General Motors: This car stock is dirt cheap.
General Motors is one of the world’s leading car manufacturers and has its headquarters in the USA. In collaboration with strategic partners, the company produces vehicles and vans in 30 countries worldwide. The group’s most prominent brands include Buick, Cadillac, Chevrolet, and GMC.
Disappointing results – Still beats analyst forecasts In the fourth quarter, revenue decreased from US$43.11 billion in the previous year to US$42.98 billion, but still exceeded analyst expectations of US$39.47 billion. Earnings per share decreased from US$2.12 to US$1.24, but still beat analyst estimates of US$1.14. This shows that even with lackluster results, one can still succeed.

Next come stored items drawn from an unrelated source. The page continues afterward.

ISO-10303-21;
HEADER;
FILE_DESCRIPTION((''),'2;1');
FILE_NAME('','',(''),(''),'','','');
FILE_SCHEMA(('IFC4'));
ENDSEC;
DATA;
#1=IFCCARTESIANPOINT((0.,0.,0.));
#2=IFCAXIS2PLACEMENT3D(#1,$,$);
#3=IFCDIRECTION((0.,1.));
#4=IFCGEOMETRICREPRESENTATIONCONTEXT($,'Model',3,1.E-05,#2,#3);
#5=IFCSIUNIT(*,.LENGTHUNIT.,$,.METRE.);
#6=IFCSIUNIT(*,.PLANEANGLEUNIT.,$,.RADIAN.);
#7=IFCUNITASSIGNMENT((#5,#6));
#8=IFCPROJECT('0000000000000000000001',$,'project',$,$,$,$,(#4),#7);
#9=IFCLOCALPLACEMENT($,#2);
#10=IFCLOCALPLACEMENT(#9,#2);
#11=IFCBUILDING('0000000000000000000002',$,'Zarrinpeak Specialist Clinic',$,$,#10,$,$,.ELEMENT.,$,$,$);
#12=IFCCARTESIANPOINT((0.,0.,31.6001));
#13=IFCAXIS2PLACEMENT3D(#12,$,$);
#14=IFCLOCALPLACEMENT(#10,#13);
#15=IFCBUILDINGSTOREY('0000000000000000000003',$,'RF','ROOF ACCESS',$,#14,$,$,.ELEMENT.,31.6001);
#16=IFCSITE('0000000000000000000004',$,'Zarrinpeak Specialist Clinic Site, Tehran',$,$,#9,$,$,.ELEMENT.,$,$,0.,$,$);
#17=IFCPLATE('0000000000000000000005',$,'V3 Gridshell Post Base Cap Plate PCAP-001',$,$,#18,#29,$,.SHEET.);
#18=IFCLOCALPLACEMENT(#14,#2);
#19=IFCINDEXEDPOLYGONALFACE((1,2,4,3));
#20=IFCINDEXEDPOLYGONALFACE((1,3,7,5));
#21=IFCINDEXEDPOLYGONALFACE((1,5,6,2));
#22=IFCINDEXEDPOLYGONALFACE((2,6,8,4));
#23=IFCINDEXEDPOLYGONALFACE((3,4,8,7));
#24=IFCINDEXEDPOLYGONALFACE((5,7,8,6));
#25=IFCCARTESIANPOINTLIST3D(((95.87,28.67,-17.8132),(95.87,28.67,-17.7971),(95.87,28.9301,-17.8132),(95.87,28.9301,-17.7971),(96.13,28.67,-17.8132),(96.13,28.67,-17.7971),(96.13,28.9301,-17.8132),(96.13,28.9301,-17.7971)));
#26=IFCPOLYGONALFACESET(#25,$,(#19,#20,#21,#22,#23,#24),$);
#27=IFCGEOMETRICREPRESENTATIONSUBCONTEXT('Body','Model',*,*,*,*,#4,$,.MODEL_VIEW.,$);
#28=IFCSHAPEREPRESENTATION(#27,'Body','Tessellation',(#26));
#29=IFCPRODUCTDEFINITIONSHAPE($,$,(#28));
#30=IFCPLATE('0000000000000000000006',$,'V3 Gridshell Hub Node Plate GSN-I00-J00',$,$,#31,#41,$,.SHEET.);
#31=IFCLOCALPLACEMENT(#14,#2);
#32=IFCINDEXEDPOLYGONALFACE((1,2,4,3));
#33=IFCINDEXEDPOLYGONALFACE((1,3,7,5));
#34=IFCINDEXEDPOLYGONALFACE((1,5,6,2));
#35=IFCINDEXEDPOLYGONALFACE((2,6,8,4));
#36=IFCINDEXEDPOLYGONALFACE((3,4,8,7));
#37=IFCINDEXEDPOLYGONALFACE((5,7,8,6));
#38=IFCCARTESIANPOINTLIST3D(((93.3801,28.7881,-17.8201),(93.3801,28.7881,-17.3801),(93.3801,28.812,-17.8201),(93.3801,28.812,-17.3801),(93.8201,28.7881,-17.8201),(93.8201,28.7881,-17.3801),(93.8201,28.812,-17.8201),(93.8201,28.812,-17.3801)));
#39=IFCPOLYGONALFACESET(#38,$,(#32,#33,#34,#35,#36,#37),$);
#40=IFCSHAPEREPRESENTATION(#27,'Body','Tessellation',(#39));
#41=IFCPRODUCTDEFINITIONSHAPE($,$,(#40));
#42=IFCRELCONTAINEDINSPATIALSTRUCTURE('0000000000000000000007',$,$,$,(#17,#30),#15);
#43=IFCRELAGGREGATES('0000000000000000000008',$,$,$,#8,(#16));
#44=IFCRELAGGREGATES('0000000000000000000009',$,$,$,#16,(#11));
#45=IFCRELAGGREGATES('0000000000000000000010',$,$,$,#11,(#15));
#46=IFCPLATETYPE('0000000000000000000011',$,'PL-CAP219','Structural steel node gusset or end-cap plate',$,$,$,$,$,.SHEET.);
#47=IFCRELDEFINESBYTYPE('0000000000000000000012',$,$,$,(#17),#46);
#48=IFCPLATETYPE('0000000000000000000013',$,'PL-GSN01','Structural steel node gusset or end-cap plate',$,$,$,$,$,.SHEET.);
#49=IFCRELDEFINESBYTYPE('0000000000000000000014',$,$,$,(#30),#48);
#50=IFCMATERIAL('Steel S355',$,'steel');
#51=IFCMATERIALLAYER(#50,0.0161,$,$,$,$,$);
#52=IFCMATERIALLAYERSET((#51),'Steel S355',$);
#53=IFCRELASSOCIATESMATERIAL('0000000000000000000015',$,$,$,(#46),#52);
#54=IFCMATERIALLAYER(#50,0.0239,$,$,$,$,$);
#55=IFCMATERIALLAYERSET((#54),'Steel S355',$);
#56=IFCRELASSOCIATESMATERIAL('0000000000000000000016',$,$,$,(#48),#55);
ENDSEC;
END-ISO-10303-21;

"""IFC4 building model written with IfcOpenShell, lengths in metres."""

from ifc_helpers import new_model, si_unit, direction, frame, origin, origin_2d, place, context, subcontext, project, spatial, rectangle, extrude, material, layer, layer_set, type_object, element, save


model = new_model("IFC4")

# Units and contexts
model_context = context("Model", 3, precision=1e-05, world=origin(), true_north=direction((0.0, 1.0)))
body_context = subcontext(model_context, "Body", "Model", "MODEL_VIEW")
ifc_project = project(units=[si_unit("LENGTHUNIT", "METRE"), si_unit("PLANEANGLEUNIT", "RADIAN")], contexts=[model_context])

# Site, building, storey
site_placement = place(None, origin())
site = spatial("IfcSite", under=ifc_project, at=site_placement, Name="Zarrinpeak Specialist Clinic Site, Tehran", CompositionType="ELEMENT", RefElevation=0.0)
building_placement = place(site_placement, origin())
building = spatial("IfcBuilding", under=site, at=building_placement, Name="Zarrinpeak Specialist Clinic", CompositionType="ELEMENT")
storey_placement = place(building_placement, frame((0.0, 0.0, 31.6001)))
storey = spatial("IfcBuildingStorey", under=building, at=storey_placement, Name="RF", Description="ROOF ACCESS", CompositionType="ELEMENT", Elevation=31.6001)

# Shared definitions
ifc_material_1 = material(Name="Steel S355", Category="steel")

# Plates
ifc_layer_1 = layer(ifc_material_1, 0.0161)
ifc_layer_set_1 = layer_set([ifc_layer_1], Name="Steel S355")
plate_type_1 = type_object("IfcPlateType", Name="PL-CAP219", Description="Structural steel node gusset or end-cap plate", PredefinedType="SHEET", material=ifc_layer_set_1)
plate_1_placement = place(storey_placement, frame((96.0, 28.8, -17.8132), z_axis=(0.0, 0.0, 1.0), x_axis=(1.0, 0.0, 0.0)))
element("IfcPlate", 1, at=plate_1_placement, inside=storey, type_object=plate_type_1, Name="V3 Gridshell Post Base Cap Plate PCAP-001", PredefinedType="SHEET", context=body_context, shape_type="SweptSolid", body=[
    extrude(rectangle(XDim=0.26, YDim=0.26, at=origin_2d()), origin(), (0.0, 0.0, 1.0), 0.0161),
])
ifc_layer_2 = layer(ifc_material_1, 0.0239)
ifc_layer_set_2 = layer_set([ifc_layer_2], Name="Steel S355")
plate_type_2 = type_object("IfcPlateType", Name="PL-GSN01", Description="Structural steel node gusset or end-cap plate", PredefinedType="SHEET", material=ifc_layer_set_2)
plate_2_placement = place(storey_placement, frame((93.6001, 28.8, -17.8201), z_axis=(0.0, 0.0, 1.0), x_axis=(1.0, 0.0, 0.0)))
element("IfcPlate", 2, at=plate_2_placement, inside=storey, type_object=plate_type_2, Name="V3 Gridshell Hub Node Plate GSN-I00-J00", PredefinedType="SHEET", context=body_context, shape_type="SweptSolid", body=[
    extrude(rectangle(XDim=0.4399, YDim=0.0239, at=origin_2d()), origin(), (0.0, 0.0, 1.0), 0.4399),
])

save(model, "model.ifc")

CFO remains optimistic „We expect wholesale volume to grow as we recover from the impact of the strike and continue our track record of market share gains, primarily driven by higher EV volume,“ said Chief Financial Officer Jacobson.

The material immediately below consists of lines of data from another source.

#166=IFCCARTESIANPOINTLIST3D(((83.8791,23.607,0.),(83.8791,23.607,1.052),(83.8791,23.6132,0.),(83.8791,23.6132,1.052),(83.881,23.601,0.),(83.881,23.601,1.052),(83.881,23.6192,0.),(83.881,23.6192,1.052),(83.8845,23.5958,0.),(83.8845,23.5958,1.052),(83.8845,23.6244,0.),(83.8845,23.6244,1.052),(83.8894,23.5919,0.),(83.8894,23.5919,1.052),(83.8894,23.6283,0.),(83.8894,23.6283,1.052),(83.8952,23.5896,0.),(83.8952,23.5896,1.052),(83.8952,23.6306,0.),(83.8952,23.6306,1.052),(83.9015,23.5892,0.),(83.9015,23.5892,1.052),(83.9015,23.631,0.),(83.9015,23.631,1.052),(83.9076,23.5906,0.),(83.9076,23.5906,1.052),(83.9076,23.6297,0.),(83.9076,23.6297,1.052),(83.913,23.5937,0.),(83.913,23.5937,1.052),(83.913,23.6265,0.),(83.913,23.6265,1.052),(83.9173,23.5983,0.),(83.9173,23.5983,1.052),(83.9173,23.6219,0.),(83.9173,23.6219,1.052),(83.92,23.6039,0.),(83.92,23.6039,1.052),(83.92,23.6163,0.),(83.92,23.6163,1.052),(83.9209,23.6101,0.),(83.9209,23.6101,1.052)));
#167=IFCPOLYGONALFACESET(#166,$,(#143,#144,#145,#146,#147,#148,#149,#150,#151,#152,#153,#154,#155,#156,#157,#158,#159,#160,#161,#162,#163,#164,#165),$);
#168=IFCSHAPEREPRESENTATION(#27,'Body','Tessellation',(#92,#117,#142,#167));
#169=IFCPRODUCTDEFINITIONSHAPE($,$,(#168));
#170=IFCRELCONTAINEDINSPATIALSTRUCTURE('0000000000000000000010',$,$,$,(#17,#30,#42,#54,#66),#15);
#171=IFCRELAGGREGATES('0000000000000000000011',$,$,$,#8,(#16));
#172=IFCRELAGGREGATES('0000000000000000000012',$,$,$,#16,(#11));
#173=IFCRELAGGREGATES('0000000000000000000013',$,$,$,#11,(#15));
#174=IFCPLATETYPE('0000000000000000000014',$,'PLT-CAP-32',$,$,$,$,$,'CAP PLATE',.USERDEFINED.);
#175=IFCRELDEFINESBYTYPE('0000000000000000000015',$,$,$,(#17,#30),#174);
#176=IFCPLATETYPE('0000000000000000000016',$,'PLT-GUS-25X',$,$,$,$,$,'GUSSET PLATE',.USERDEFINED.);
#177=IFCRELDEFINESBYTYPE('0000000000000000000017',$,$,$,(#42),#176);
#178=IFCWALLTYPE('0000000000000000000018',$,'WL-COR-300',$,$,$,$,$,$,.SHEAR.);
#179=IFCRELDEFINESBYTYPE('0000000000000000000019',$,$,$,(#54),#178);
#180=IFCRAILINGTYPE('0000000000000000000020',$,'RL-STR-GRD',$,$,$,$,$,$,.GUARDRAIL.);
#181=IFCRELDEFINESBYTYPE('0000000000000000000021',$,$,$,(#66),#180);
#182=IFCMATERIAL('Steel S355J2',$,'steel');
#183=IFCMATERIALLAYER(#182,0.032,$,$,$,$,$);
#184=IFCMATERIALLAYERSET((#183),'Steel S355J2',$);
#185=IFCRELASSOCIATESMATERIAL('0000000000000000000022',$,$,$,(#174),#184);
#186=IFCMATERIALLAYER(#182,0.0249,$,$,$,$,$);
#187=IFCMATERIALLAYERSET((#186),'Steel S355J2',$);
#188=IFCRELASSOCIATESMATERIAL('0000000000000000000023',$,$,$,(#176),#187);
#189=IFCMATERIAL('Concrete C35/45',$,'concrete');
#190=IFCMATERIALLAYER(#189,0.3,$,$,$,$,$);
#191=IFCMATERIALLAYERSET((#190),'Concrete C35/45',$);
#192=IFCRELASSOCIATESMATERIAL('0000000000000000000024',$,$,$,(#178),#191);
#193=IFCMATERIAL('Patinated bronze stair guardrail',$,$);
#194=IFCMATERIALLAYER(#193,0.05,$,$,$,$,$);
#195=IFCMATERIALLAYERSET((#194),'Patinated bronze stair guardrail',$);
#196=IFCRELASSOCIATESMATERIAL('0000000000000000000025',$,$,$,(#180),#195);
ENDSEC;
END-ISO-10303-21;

GM raises annual forecast This is also reflected in the optimistic annual forecast. For 2024, the car manufacturer predicts earnings per share of US$8.50 to US$9.50, which is higher than previous expectations of US$7.68. Analysts are expecting US$7.76.

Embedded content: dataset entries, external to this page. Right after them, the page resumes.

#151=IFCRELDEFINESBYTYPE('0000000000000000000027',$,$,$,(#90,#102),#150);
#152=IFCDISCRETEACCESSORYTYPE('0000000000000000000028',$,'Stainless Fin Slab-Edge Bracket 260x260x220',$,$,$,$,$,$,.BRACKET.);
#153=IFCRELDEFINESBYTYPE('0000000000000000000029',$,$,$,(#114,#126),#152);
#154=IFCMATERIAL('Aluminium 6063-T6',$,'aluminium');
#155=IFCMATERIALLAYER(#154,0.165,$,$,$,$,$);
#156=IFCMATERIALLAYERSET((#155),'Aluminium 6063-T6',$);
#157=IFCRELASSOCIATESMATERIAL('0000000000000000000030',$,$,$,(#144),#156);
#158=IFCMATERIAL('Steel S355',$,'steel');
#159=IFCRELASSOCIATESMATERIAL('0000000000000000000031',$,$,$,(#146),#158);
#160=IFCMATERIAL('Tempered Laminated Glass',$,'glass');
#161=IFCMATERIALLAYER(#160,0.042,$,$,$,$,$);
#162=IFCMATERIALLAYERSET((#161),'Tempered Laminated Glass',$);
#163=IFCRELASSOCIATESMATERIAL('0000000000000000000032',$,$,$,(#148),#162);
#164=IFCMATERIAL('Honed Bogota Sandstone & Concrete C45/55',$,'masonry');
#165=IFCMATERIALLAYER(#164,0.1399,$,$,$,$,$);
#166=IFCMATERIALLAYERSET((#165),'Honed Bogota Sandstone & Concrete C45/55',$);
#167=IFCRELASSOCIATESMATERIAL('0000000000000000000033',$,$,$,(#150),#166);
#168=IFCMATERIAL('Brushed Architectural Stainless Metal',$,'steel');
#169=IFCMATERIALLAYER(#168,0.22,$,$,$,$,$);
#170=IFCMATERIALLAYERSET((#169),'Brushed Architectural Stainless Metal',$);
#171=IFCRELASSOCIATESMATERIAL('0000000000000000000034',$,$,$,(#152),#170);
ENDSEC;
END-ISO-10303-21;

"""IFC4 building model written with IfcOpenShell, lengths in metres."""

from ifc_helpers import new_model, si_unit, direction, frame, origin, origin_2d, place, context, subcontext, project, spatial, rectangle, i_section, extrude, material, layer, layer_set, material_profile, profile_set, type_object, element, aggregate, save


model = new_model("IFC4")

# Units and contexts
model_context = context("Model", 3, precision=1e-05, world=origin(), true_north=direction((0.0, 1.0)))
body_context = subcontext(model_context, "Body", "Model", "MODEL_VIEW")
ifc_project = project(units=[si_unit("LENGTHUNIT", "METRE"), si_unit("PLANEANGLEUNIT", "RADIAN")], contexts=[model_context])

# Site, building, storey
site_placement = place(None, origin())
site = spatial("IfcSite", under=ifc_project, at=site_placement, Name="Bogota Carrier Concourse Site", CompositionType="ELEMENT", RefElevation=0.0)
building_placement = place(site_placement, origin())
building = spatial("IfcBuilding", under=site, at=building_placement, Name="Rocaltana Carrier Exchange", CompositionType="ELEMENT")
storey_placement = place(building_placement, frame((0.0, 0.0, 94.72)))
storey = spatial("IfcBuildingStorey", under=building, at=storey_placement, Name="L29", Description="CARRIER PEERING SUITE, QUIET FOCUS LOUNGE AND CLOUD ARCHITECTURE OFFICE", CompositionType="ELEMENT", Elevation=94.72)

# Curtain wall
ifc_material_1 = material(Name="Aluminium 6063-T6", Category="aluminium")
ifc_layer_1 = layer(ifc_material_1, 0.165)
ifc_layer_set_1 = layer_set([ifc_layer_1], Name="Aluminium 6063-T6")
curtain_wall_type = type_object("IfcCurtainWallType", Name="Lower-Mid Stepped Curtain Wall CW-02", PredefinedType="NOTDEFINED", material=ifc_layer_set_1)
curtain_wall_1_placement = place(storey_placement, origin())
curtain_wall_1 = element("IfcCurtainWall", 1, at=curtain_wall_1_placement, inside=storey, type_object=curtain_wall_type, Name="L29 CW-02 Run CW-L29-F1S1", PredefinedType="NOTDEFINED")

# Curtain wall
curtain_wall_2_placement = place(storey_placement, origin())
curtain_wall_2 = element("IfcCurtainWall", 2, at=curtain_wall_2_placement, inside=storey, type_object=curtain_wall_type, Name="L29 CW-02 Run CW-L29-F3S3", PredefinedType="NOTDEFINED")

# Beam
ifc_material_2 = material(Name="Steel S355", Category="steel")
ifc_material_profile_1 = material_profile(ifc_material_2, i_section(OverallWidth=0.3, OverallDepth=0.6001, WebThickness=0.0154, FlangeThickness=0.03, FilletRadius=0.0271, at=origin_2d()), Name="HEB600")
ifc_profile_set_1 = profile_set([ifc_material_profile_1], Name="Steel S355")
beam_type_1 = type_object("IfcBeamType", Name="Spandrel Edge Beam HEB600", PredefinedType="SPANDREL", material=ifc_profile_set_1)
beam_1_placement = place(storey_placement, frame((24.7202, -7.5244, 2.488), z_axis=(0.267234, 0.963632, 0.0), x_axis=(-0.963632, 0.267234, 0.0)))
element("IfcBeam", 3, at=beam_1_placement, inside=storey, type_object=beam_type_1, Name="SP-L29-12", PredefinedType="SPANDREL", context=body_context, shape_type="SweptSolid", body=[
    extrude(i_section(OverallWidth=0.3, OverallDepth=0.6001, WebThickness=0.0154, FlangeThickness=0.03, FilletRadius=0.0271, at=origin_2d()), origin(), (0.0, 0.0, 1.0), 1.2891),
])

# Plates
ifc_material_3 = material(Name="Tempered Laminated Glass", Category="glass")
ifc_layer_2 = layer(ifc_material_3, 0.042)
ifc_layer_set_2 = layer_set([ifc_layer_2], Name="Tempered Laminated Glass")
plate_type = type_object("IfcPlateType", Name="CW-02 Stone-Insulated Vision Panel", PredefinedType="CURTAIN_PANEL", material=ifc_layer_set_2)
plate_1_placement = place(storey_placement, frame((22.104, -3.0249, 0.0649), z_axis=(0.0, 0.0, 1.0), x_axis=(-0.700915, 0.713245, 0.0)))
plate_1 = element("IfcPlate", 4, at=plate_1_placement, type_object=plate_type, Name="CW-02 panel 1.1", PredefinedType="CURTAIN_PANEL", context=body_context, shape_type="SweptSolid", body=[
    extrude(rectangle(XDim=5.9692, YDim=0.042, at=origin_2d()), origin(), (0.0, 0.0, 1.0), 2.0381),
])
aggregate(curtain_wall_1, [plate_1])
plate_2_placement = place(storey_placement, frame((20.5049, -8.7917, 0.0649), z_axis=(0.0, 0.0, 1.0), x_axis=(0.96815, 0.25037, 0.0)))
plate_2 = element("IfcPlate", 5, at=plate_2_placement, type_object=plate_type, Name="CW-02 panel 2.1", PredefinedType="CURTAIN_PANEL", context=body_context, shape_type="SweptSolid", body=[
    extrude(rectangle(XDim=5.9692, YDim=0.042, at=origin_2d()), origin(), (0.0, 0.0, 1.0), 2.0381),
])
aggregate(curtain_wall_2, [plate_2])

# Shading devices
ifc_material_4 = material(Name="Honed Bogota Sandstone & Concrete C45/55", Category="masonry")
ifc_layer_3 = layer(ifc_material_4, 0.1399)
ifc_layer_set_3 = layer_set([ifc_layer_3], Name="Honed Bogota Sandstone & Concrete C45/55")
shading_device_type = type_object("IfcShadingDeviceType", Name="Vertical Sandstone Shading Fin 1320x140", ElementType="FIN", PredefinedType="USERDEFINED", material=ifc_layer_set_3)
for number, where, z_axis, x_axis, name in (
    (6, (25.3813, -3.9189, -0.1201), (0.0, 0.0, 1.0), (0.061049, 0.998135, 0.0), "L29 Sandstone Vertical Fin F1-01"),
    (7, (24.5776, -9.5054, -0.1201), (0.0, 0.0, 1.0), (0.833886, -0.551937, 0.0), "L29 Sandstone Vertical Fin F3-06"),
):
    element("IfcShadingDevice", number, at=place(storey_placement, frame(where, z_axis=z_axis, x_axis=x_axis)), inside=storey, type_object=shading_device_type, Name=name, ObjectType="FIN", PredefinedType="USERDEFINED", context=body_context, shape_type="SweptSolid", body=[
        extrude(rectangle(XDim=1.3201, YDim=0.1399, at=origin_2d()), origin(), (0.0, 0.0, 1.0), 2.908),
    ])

Analysts with a wide range of price targets Conclusion: This looks good. Since the beginning of the year, the stock has been on a nice uptrend. Although the price targets from analysts range from US$28 to US$95, overall sentiment among analysts is positive. 17 out of 25 analysts recommend buying, 7 recommend holding, and only one analyst prefers selling. The average analyst price target is US$45. With a P/E ratio of 4.5, the car stock is extremely cheap.